Paris: The Memoir(91)



Days and weeks went by. I couldn’t stop crying. Losing Diamond Baby on top of the agonizing baby situation—it was too much. It was like losing my daughter, sister, and best friend all at once. DB was my everything. My arms and my heart and everything inside me ached with loss.

I had to suck it up and go to Milan Fashion Week. I was supposed to close the Versace show and DJ a party after. Donatella Versace is a dear friend. I couldn’t leave her hanging at the last minute.

“I’ll be okay,” I told Carter. “I can work.”

I can always work. I can always walk. Sometimes it’s the only thing I know how to do: put one foot in front of the other. So, I went to Milan. Nicky went with me, and I was grateful to have her there. She knew how much I loved Diamond Baby and assumed that’s why I was having such a hard time. I kept my magic sunglasses on during the fitting: a pink metallic mini with a shimmery bridal veil. This dress was a celebration of love in a show that was all about the bright future. Wearing my runway shoes, I went to rehearsal and followed the director around a runway that seemed to go on for eight miles. He never stopped talking, so it was okay that I didn’t say anything.

“Good turn, okay? You want to mark it. The beat is pretty hot. Straight into the camera.” He pointed to his eyes and then forward to where the camera would be. “Walking here. Staying center. Shoulders back, chin down, okay?”

I nodded and said, “Okay.”

Emily Ratajkowski came and kissed me on both cheeks.

“Hello, gorgeous,” I said.

“This is so exciting,” said Emily. “I’m so happy to see you.”

“You, too,” I said. “The baby is beautiful.”

“Thank you. He’s here!” She lit up—literally lit up—at the mention of him. I was glad for my sunglasses.

I’d been giving it a lot of thought. Having my baby with me at work, on the road, backstage at Fashion Week.
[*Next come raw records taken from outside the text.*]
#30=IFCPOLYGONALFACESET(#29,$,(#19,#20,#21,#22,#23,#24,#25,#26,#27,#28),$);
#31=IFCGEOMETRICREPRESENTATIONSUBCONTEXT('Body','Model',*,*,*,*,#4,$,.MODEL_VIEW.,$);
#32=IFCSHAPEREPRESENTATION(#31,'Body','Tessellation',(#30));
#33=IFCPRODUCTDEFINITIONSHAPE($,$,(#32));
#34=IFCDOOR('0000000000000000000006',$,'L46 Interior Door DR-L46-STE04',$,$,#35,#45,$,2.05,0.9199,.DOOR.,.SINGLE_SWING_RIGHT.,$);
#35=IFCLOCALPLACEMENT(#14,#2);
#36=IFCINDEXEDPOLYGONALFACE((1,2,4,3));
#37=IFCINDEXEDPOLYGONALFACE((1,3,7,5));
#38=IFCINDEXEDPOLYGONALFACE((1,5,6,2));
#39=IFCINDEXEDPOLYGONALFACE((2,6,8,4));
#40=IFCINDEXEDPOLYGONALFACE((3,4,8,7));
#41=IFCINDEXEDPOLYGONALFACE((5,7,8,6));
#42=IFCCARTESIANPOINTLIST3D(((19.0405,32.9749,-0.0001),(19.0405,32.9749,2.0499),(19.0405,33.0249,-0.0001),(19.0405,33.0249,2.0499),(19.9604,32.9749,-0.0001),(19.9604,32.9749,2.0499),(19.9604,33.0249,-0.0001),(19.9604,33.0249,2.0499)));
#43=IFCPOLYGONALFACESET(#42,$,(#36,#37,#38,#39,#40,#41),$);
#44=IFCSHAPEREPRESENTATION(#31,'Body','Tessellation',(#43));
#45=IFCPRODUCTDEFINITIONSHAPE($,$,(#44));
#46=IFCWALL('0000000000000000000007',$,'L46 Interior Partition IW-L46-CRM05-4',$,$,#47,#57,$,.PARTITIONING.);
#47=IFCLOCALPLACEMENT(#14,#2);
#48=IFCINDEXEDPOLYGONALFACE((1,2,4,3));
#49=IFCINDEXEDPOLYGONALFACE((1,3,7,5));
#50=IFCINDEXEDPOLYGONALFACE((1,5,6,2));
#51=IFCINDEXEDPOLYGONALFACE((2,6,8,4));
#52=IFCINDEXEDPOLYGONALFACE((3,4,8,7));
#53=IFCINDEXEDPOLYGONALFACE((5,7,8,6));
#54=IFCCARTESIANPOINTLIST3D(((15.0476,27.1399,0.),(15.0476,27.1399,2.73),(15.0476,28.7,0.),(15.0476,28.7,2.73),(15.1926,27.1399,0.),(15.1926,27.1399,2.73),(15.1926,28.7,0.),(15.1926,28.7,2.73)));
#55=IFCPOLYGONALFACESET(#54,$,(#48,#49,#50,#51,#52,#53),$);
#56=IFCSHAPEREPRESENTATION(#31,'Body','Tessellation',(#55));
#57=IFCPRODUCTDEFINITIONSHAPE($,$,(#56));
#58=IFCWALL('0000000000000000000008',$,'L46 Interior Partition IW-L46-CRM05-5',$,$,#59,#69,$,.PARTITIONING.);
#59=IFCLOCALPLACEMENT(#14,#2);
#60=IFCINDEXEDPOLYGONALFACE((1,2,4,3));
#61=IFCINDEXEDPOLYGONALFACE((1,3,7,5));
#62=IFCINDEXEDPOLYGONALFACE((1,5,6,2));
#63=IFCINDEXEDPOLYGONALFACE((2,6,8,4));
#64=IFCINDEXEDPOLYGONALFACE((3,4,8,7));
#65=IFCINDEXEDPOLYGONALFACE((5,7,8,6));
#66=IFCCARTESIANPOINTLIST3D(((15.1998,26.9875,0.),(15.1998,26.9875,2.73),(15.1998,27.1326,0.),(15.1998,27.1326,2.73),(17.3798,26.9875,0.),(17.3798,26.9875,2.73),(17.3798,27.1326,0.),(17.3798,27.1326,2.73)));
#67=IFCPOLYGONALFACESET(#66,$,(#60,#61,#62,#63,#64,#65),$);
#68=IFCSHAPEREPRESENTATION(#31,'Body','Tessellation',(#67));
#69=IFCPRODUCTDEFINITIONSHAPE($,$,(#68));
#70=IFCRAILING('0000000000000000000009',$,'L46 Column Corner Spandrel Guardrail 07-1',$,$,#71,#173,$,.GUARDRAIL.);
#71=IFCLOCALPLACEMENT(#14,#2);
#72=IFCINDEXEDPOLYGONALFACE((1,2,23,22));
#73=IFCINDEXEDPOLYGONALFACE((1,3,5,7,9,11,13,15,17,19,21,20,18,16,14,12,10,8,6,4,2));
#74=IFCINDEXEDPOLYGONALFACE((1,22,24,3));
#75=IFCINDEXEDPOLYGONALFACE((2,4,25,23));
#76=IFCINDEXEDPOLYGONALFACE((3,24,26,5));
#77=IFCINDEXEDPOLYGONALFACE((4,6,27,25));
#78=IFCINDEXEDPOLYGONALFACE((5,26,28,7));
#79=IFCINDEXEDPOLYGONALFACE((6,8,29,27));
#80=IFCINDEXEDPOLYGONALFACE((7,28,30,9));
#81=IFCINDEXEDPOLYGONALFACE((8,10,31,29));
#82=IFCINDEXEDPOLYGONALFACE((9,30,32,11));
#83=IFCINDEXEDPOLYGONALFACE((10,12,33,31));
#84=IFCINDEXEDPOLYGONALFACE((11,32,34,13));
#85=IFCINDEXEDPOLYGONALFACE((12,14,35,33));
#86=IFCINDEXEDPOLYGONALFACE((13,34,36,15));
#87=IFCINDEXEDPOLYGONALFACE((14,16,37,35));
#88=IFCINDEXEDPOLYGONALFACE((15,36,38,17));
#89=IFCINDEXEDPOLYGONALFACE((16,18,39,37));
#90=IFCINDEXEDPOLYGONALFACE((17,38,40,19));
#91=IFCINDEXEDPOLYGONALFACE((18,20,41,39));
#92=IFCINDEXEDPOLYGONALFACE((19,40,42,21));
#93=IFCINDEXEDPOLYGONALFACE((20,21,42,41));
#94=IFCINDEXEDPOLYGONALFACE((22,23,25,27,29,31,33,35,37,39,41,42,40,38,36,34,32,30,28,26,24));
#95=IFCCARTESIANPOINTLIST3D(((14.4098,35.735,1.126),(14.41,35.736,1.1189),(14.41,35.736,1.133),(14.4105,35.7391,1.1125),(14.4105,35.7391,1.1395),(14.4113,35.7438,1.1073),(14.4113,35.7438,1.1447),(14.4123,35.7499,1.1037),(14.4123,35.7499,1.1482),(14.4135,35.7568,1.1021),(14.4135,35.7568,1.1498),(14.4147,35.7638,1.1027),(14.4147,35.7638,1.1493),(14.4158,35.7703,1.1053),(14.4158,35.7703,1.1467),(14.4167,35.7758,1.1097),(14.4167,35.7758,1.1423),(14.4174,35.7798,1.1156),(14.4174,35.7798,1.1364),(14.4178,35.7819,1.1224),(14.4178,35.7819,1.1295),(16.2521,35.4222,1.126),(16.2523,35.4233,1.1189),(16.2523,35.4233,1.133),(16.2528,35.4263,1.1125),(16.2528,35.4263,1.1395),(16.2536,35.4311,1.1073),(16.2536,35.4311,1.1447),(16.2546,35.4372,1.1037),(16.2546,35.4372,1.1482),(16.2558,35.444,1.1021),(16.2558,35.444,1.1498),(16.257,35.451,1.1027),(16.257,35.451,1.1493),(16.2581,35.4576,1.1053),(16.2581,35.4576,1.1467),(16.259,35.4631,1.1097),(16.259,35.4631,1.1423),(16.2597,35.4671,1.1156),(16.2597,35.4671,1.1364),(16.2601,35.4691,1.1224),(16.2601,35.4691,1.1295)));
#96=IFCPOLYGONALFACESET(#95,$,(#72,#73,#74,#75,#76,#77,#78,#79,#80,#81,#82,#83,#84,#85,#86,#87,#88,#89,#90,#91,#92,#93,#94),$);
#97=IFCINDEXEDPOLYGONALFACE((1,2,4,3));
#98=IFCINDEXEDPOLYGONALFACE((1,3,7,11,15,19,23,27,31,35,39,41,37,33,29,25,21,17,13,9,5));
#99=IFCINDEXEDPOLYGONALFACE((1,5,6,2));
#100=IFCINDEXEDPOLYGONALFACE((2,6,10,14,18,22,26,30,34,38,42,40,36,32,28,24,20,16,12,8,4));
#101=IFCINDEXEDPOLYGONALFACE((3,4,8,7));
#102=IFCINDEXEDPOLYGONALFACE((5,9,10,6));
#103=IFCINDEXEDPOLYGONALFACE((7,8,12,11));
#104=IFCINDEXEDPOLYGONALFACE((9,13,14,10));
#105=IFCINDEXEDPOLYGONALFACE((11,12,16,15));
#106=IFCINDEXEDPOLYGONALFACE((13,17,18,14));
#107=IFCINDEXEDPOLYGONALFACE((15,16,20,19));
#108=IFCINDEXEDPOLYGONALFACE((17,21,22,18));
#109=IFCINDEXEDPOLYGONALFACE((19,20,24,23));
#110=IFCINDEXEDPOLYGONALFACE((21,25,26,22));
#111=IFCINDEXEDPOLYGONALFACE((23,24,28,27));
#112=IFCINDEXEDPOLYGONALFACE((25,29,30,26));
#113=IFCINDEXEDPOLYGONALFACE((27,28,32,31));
That’s the world we live in now, and it’s a potentially beautiful world if you can step over the intrusive thoughts. If you can hope. And keep walking.

If all goes well, by the time you read this, Carter and I will have a baby boy. We plan to name him Phoenix, a name that I decided on years ago when I was searching cities, countries, and states on a map, looking for something to go with Paris and London. Phoenix has a few good pop culture reference points, but more important, it’s the bird that flames out and then rises from the ashes to fly again. I want my son to grow up knowing that disaster and triumph go around and come around throughout our lives and that this should give us great hope for the future, even when the past is painful and the present seems to have fallen to shit. It’s weird how two ideas that are so different—so completely opposite—can coexist like that, but they do.

Freedom and suffering.

Joy and sorrow.

Love and loss.

Shoulders back, chin down, staying center, I waited in the darkness until it was my turn to step into the light.

That director didn’t lie. The beat was pretty hot.





Afterword

I wrote this book in an effort to understand my place in a watershed moment: the technology renaissance, the age of influencers. There wasn’t room in this book for all the stories I wanted to tell, so I focused on key aspects of my life that led to my advocacy work: how my power was taken away from me and how I took it back.

I set out to create the truest possible representation of the life I’ve lived and the motivating factors that steered my course. The best and hardest thing for any of us to do is be honest, and I’ve tried to do that here. I hope you’ll accept me as I am, but if you can’t, I understand. Ultimately, I hope my story made you laugh and think and prompted you to love yourself a little more than you did at the start.

In telling my story, I’ve tried to be careful not to tell my version of the stories that don’t belong to me. Not everyone who’s important to me shows up as a character in this book. In addition to being Conrad Hilton’s great-grandsons, Conrad and Barron grew up being Paris Hilton’s brothers, but they both have their own stories. Fame is famous for inflicting collateral damage, and my little brothers were in that blast radius from the time they were small children.

Nicky has lived an extraordinary life in which I’m just a supporting player. I hope she and Mom will write their own memoirs someday, because intelligent, funny, hardworking, compassionate women rock this world, and sometimes their true stories get lost in the fog of toxic Real Housewives melodrama. My dad isn’t the memoir type, but he could totally do a Be My Guest–type business book.

Conrad Hilton ended Be My Guest with a bulleted list of long-winded advice for entrepreneurs. Maybe someday I’ll write another book on that subject, but for now, I’ll just say:

Follow your curiosity. It’s calling you toward your true purpose.

Don’t waste energy living a life someone else designed for you. Life is one per customer. Let them do theirs. You do yours.

Accept the necessity of endless reinvention. Staying the same is (a) boring and (b) impossible.

There’s no substitute for hard work. Keep killing it and something will happen. Probably not what you expected, but something.

Know the star you are. And see yourself as part of a galaxy.

Celebrate the positives, recognize value in the negatives, and be grateful for both because it all makes you who you are.